Was wahre Zauberei ist, erklärt man wohl am besten anhand eines Beispiels. Diskutiert wird z. B. seit Längerem (immer wieder) die Frage, wer die Kosten für die Aufzucht und Hege der Jungen zu übernehmen habe, wenn sie denn erst einmal daheim eingezogen sind und die anfängliche Begeisterung der Direktbeteiligten einer realistischeren Betrachtung der Fakten gewichen ist. «Sollen eventuell die Erzeuger der Bälger verantwortlich sein, oder ist nicht vielmehr das Kollektiv der Steuerzahler in die Pflicht zu nehmen?», lautet die Problemstellung. Beispielsweise auch wenn es um die Finanzierung von Kita-Plätzen geht. Ersteres gilt in weiten Kreisen unserer sozialdemokratisierten Gesellschaften als neoliberales, haarsträubend unsoziales, vorsintflutlich altmodisches Ansinnen. Letzteres steht mittlerweile im Rang einer zwingenden Logik. So meint z. B. auch der Gesellschaftsminister: «Die Subventionierung der ausserhäuslichen Betreuungseinrichtungen dient nicht der Bevorzugung eines bestimmten Familienmodells, sondern ermöglicht in der Praxis für Frauen die Weiterführung oder Wiederaufnahme einer Erwerbstätigkeit.» («Volksblatt», 6. Oktober 2015) Da wird der Herr Minister nun zum Zauberkünstler, neben dem Houdini wie ein Anfänger aussieht. Denn staatliche Subventionen sind ausnahmslos immer eine Bevorzugung derjenigen, die sie erhalten und ausnahmslos immer eine Benachteiligung derjenigen, die sie bezahlen.
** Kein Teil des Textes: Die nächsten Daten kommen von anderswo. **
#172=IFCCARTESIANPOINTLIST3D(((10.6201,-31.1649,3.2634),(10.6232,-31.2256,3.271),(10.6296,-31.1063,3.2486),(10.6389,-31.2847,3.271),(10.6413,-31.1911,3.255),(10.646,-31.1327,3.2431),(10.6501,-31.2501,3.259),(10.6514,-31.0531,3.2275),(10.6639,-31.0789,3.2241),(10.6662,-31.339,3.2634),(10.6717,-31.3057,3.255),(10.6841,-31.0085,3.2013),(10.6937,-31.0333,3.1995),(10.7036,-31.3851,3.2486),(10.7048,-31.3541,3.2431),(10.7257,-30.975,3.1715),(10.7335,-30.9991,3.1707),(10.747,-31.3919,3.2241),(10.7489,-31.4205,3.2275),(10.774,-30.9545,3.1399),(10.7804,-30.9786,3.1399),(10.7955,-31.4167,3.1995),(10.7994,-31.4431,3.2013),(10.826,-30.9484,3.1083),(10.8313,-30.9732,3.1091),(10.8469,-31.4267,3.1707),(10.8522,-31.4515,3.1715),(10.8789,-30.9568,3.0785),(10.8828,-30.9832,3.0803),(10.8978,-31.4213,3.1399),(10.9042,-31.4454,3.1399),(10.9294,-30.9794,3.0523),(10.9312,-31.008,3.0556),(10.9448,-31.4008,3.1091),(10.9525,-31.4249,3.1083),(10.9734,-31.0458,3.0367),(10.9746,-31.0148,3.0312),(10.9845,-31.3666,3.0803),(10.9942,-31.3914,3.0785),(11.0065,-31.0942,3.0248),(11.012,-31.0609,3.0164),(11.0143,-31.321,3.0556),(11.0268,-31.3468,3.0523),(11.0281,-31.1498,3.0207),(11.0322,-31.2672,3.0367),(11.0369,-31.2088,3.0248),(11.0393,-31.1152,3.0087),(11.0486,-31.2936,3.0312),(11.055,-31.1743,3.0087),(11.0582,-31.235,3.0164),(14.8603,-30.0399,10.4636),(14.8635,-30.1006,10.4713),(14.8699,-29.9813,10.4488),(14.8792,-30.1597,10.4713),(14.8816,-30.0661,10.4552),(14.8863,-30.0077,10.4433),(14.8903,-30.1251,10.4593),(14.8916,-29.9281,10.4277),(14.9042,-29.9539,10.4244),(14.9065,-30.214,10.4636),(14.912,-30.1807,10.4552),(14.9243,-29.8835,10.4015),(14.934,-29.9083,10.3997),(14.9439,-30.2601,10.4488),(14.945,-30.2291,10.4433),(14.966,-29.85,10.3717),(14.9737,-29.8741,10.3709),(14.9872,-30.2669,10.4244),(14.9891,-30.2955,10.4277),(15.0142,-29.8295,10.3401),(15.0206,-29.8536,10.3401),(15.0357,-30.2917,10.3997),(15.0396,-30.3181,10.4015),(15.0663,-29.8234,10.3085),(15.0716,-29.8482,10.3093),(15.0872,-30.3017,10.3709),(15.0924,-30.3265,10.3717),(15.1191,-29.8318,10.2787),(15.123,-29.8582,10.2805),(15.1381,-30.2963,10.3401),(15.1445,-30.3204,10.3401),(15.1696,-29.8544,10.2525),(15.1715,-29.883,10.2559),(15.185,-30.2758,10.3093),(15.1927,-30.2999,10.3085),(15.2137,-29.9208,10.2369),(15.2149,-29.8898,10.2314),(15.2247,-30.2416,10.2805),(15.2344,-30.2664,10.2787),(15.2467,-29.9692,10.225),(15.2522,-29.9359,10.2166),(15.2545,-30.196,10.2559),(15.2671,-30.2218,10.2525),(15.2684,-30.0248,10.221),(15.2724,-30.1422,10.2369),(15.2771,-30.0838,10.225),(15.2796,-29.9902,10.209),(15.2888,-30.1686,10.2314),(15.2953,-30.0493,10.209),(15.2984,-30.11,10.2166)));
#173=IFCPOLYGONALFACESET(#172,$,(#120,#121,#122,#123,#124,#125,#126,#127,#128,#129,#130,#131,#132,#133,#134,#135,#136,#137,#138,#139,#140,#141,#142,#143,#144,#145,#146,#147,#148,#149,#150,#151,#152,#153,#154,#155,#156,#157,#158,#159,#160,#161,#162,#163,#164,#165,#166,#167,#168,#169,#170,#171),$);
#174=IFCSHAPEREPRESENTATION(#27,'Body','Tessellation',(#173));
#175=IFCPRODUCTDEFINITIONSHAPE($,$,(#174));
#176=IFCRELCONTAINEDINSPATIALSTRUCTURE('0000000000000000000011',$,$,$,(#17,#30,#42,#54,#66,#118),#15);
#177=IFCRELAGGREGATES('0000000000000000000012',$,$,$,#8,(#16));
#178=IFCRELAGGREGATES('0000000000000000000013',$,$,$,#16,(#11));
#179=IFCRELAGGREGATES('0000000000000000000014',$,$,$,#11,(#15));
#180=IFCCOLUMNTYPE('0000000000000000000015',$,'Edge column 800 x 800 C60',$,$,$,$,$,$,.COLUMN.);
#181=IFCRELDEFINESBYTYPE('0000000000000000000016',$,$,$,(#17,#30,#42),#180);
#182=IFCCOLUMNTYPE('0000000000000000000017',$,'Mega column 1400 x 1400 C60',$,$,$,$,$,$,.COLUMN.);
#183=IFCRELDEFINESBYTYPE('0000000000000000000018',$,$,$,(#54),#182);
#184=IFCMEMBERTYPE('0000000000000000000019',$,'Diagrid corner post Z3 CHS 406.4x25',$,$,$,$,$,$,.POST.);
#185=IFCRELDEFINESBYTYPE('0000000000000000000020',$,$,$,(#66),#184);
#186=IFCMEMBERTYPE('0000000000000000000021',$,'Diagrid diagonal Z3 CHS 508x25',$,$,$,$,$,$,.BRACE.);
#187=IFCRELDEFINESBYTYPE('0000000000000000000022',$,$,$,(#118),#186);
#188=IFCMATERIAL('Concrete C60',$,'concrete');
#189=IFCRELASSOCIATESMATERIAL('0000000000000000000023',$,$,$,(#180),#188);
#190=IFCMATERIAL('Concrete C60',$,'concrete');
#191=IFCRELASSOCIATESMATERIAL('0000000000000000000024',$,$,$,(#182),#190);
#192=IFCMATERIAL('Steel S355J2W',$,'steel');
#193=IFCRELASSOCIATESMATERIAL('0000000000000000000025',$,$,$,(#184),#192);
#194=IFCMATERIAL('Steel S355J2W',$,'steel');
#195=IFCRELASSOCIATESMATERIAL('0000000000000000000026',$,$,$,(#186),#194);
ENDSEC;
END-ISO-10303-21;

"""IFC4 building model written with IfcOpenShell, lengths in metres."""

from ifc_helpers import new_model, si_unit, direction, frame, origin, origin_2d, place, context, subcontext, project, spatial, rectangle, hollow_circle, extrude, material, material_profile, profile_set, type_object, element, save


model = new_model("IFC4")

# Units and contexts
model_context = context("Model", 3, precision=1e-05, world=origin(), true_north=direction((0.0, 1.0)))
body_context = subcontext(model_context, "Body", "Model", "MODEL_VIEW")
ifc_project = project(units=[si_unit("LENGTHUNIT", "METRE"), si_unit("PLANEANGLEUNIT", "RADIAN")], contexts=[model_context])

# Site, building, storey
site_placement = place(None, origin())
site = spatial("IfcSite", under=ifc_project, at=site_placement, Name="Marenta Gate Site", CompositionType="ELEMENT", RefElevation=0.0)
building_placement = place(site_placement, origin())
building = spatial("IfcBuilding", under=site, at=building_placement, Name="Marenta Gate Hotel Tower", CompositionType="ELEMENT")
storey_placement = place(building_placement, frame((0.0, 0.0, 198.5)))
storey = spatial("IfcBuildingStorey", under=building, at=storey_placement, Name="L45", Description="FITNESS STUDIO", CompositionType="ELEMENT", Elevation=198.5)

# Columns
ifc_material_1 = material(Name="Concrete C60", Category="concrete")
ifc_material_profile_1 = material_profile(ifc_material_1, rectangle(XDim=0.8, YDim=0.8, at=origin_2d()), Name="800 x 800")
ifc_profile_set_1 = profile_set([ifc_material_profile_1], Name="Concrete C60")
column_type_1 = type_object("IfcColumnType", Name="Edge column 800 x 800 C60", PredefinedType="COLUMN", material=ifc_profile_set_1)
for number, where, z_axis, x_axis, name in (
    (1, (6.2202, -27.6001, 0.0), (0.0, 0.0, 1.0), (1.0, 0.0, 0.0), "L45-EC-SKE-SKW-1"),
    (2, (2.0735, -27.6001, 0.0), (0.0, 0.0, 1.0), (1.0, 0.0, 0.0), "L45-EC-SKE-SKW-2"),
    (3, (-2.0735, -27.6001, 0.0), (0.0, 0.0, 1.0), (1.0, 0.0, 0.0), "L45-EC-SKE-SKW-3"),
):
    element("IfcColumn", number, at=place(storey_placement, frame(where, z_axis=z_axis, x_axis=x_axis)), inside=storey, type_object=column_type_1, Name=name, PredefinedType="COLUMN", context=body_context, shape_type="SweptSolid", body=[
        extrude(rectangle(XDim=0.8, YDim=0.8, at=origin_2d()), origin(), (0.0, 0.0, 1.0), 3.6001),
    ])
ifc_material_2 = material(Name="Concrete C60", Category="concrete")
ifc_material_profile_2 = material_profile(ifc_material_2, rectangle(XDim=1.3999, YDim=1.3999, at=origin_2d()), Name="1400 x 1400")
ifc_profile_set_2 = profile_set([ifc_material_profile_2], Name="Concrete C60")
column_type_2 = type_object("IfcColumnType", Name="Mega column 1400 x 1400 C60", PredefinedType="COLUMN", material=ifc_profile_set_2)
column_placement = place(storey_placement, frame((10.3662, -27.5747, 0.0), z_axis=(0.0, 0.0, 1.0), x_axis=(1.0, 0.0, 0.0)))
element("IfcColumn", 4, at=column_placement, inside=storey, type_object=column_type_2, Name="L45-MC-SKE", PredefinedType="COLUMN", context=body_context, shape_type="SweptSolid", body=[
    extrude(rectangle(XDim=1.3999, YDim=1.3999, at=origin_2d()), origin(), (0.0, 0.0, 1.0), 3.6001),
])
Den einen nimmt man, aus Gründen, für die sie nichts können, um anderen, die es nicht verdienen, zu geben. Immer ist es eine Ungleichbehandlung und damit ein Unrecht, wie z. B. auch Quoten. Daran ändert sich grundsätzlich auch dadurch nichts, dass die meisten von uns in dieses unsägliche Spiel verwickelt sind, hier zahlen und dort kassieren. Das ändert sich nur, wenn man Minister ist. Dann sagt man einfach: «Hokuspokusfidibus! Das ist nicht so!» Und schon ist es nicht so. Schon wird nicht mehr bevorzugt, sondern «ermöglicht»! Als Minister ist man eben nicht nur ein Meister der Illusionen, sondern auch ein Meister der Tatsachen.